Competition. Why does Coca-Cola spend money on advertising, driving up their
costs and (seemingly) ensuring they make less money? Retail order flow is
essentially free money for the market maker who gets it, and they compete with
each other to obtain it. That competition shows up in a mixture of tighter
spreads (ie, better than the "best price" for the customer), and payment for
order flow. And payment for order flow, in turn, shows up as some mixture of
lower fees or higher margins for the broker.

At a big picture level, retail orders are valuable, and that value will be
split between the market maker, the broker, and the customer, with the exact
split depending on a number of factors.

> I don't see what you mean by savings - if they're making less money, how
> does that translate into savings for anyone?

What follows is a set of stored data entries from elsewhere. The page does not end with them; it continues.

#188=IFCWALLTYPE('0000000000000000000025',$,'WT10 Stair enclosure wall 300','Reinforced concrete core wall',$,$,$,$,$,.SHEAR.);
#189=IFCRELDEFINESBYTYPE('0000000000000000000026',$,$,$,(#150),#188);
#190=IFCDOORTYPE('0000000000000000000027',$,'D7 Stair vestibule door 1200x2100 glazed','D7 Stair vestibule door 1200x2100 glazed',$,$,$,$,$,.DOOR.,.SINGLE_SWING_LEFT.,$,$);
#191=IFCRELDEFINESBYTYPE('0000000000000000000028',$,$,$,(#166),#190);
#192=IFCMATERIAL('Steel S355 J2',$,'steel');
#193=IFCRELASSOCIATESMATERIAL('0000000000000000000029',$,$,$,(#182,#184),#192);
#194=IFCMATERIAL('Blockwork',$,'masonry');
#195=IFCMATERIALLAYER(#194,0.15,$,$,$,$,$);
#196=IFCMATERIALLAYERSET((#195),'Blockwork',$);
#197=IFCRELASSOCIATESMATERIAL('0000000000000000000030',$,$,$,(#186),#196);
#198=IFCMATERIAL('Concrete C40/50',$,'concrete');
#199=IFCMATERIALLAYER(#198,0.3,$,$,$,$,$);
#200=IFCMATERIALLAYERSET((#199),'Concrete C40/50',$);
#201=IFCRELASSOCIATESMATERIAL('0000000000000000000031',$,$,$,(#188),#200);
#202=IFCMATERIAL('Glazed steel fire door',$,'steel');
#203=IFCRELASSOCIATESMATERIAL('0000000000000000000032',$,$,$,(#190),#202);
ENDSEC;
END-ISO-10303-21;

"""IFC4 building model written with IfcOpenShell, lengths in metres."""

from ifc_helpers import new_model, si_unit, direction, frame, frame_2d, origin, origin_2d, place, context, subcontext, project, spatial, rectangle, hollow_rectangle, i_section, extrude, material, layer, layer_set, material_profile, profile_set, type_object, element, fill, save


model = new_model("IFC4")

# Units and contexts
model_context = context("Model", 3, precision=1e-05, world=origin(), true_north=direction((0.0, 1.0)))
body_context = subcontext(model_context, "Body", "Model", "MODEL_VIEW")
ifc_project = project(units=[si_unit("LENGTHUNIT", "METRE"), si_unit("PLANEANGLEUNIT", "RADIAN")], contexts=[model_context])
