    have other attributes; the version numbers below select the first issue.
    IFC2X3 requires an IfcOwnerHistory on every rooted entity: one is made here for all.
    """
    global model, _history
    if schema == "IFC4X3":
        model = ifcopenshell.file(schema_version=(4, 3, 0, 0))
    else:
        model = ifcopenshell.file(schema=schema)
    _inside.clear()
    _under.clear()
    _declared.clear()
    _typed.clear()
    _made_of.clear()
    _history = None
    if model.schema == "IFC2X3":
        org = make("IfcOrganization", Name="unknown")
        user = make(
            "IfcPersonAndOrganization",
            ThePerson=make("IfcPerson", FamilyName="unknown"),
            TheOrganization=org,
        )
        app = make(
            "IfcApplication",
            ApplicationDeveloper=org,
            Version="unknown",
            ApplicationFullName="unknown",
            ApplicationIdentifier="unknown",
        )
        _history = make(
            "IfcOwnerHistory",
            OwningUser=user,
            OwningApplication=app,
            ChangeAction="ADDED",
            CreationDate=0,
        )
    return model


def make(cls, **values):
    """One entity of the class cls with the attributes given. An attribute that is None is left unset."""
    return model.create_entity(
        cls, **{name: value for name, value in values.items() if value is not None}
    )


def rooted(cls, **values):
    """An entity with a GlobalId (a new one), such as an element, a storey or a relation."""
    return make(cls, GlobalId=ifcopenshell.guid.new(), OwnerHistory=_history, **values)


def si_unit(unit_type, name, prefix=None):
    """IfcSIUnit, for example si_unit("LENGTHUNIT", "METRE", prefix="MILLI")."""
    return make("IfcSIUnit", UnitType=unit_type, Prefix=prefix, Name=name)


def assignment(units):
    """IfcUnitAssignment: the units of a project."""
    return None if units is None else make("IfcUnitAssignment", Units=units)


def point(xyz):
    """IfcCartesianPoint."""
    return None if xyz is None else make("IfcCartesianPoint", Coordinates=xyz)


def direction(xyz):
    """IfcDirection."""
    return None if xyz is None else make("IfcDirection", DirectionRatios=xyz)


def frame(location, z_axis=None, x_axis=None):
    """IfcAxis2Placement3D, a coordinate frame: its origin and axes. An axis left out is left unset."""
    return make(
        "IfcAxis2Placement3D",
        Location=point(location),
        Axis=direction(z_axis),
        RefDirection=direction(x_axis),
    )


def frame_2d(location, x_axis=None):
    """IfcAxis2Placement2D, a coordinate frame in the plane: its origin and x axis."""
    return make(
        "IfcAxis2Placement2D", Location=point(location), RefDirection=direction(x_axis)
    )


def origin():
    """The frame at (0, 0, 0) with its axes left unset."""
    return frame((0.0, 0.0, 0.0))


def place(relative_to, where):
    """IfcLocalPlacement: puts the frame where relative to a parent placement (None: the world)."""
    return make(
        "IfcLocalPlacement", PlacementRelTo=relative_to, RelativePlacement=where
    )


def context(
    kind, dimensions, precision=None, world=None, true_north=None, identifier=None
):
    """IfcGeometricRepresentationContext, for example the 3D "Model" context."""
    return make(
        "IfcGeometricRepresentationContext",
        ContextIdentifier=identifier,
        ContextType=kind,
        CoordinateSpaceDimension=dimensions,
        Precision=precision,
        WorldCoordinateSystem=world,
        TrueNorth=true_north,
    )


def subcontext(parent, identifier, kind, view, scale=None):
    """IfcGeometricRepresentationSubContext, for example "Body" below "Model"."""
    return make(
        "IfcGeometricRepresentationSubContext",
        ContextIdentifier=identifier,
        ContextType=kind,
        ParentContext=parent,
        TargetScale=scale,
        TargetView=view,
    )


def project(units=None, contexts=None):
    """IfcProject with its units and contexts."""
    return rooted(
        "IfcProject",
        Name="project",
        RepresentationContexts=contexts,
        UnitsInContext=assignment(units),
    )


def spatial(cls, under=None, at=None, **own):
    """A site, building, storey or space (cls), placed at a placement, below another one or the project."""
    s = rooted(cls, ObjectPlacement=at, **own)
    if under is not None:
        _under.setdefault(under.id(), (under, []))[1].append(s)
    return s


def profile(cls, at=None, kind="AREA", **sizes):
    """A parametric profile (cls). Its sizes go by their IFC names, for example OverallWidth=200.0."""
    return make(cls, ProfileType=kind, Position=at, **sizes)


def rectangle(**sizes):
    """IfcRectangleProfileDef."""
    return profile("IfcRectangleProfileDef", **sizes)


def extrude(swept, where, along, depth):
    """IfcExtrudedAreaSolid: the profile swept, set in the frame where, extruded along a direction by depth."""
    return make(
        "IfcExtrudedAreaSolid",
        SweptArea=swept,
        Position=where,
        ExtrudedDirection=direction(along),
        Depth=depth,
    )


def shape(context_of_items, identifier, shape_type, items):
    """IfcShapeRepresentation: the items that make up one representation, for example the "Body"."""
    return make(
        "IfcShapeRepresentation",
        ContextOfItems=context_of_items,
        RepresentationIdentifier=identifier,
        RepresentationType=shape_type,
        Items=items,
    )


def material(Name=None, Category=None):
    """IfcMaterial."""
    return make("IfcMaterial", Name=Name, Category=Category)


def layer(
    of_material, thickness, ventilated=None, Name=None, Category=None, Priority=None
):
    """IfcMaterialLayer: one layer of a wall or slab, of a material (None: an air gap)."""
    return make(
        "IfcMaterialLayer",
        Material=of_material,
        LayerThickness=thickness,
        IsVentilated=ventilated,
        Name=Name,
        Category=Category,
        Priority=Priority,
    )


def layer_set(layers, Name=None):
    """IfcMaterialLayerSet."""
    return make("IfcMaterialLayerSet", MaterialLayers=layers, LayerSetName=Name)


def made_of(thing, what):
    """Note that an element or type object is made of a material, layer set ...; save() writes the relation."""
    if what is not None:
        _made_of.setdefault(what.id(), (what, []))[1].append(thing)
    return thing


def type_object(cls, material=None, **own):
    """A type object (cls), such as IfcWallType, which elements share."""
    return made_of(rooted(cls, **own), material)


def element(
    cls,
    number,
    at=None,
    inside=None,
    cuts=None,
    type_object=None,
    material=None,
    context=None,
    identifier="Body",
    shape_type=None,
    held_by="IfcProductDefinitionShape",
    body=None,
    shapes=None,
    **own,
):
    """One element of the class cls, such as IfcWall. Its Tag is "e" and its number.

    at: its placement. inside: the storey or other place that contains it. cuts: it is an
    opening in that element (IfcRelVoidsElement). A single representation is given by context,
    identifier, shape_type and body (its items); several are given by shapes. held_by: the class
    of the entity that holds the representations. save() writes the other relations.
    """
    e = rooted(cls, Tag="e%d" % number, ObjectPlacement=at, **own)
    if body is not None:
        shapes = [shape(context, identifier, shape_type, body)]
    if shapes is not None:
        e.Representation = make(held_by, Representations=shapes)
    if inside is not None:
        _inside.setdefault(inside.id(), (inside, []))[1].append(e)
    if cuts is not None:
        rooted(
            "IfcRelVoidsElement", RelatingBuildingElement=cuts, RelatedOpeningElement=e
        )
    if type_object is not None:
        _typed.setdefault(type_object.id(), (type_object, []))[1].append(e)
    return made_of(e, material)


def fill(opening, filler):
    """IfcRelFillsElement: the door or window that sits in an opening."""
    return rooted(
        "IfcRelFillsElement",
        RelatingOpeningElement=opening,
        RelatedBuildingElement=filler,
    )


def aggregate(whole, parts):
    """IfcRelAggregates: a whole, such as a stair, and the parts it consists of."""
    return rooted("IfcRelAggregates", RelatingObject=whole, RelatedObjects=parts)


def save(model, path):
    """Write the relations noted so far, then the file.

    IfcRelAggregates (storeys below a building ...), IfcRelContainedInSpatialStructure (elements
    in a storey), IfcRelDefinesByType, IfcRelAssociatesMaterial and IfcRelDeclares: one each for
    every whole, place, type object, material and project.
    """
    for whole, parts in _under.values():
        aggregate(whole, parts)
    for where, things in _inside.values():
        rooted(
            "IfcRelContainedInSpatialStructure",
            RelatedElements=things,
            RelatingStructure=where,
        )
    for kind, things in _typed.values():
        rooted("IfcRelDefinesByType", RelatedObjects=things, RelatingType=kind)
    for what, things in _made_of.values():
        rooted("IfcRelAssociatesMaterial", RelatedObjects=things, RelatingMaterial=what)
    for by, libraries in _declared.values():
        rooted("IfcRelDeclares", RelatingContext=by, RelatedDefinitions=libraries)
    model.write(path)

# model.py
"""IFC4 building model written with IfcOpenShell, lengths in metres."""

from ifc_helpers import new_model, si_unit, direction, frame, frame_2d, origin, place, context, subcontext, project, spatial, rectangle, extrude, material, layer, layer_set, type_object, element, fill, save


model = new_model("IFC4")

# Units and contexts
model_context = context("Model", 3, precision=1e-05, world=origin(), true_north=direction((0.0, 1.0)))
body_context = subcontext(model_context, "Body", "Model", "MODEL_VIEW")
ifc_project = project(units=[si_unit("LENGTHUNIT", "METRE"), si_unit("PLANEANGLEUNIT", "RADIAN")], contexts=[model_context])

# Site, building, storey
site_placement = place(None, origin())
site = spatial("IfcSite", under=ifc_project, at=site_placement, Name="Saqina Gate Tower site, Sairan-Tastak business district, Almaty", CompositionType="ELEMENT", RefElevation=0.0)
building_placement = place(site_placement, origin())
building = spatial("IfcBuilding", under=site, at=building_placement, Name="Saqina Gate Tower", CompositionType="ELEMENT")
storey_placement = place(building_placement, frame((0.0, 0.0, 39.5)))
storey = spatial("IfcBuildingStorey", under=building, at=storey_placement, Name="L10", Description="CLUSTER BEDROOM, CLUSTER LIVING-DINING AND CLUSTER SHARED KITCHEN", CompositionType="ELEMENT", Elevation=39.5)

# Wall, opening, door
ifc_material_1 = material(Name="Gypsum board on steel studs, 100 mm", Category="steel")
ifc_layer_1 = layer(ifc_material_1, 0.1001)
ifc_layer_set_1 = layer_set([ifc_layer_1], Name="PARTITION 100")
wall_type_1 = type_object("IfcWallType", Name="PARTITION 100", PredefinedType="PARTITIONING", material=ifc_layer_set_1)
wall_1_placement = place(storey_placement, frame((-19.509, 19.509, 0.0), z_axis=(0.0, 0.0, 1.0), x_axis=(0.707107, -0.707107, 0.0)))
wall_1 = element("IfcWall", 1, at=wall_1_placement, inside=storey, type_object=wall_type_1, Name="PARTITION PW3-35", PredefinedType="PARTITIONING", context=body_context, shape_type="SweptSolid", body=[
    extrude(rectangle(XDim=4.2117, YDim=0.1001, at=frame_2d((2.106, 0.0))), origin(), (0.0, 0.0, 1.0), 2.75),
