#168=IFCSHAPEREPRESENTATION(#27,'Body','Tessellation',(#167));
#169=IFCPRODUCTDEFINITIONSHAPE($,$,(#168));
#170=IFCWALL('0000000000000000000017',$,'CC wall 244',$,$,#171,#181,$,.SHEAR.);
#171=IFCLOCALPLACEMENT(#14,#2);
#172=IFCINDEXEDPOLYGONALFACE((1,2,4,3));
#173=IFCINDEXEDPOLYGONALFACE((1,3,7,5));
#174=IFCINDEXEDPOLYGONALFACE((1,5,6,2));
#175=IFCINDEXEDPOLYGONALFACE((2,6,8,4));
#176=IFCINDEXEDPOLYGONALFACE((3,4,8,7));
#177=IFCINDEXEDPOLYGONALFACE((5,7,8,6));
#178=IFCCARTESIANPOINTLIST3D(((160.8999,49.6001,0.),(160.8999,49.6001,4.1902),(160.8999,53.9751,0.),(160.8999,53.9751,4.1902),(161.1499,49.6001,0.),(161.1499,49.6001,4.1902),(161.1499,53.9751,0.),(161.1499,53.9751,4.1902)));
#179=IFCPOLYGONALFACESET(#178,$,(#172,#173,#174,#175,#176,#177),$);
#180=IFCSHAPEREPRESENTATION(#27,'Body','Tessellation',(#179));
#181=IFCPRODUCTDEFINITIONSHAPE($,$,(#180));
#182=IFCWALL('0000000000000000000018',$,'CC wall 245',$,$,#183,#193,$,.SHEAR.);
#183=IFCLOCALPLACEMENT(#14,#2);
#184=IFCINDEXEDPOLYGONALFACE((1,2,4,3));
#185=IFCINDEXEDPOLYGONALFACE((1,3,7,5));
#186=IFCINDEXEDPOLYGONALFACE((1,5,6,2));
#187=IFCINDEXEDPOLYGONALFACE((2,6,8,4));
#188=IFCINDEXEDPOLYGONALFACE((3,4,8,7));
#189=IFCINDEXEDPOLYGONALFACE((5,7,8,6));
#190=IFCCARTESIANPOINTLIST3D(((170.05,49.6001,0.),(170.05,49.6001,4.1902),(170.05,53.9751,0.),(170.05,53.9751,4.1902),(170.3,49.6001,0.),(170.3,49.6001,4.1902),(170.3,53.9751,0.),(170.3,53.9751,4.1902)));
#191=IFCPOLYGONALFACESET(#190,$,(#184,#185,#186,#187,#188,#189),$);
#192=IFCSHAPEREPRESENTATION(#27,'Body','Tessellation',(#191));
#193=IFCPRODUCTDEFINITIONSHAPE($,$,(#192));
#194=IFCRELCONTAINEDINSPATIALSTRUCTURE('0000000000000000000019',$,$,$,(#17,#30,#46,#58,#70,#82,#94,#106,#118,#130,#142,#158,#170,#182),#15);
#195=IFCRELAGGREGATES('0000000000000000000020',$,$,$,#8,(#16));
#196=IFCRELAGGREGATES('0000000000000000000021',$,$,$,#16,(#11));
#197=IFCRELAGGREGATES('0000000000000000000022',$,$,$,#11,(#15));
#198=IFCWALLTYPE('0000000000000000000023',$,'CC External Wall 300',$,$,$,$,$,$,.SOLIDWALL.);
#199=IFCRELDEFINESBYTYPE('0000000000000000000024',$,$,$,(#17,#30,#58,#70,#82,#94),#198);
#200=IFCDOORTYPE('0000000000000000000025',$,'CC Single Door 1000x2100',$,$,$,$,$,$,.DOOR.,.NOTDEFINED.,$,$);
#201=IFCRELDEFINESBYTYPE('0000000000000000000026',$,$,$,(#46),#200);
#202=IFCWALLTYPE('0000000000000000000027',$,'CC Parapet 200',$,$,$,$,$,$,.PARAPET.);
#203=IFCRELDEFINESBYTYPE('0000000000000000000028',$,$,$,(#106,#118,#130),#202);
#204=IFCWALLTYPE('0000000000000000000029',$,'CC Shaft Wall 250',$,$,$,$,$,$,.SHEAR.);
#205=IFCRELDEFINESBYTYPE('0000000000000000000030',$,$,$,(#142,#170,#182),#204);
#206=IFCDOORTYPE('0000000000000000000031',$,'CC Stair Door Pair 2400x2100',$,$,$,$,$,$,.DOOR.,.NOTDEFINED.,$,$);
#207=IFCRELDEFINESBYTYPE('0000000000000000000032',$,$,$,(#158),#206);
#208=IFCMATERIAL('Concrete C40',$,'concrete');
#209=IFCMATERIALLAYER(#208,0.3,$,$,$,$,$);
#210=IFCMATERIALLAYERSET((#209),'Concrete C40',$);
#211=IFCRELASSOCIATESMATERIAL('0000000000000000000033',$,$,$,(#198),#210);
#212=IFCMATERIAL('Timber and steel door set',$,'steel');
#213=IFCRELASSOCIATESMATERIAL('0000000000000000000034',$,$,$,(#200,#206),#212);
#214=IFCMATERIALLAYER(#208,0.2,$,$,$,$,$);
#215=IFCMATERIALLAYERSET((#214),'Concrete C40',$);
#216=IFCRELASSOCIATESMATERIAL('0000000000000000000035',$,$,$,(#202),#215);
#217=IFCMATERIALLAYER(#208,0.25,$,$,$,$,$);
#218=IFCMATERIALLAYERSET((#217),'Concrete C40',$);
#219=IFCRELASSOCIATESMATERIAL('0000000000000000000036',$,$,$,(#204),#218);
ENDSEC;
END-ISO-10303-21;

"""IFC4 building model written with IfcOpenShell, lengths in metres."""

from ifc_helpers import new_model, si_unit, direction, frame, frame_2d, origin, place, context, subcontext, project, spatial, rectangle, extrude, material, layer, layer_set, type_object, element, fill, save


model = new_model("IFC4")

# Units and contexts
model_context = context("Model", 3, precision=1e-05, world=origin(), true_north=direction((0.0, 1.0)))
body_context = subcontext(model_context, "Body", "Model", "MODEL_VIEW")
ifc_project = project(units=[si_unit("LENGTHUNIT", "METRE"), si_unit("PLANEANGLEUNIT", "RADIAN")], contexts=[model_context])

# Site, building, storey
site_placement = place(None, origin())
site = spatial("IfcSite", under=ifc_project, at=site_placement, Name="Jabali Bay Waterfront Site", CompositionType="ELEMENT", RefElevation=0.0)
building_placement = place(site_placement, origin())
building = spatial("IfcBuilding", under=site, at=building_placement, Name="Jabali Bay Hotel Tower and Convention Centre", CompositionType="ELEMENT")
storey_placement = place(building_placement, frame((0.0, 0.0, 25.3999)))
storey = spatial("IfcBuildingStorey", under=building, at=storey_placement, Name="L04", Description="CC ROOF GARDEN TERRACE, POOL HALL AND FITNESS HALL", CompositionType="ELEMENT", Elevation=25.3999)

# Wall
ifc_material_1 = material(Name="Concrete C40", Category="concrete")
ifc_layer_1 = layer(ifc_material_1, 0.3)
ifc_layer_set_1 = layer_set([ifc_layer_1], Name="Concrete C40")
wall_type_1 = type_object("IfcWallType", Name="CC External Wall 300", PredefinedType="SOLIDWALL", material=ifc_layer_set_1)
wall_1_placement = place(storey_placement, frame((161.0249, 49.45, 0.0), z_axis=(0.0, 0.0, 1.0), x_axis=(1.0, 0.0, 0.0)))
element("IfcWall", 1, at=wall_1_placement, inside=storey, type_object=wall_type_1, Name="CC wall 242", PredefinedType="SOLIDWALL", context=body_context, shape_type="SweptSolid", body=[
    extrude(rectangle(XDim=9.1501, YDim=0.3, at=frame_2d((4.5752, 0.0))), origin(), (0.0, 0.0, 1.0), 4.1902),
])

Keep in mind, market makers make money by being _extremely_ efficient at
buying stocks when people want to sell, and selling them when people want to
buy, minimising the stocks they hold at any given moment, making a tiny amount
on every transaction, and making it up on volume. If the incoming orders are
"uninformed", ie, it's just a dentist in Milwaukee daytrading his retirement
account, then this is very safe. If the incoming orders might be "informed",
ie, it might be the first indication of a fundamental shift in the value of
the stock, then this is _not_ safe, because every trade _could_ just be noise,
or it _could_ be the start of some hedge fund shifting a billion dollars into
or out of the stock.

The NBBO (National Best Bid and Offer) is the best available price for "mixed"
order flow, that captures the risk to the market maker that, if they fill the
order, they might be about to get run over by a bus. The more they can get
order flow which is safer than that, the more they can afford to beat that
"best price". They do this because they believe that, on average (and after
adjusting for risk), they will be making _more_ money, not less.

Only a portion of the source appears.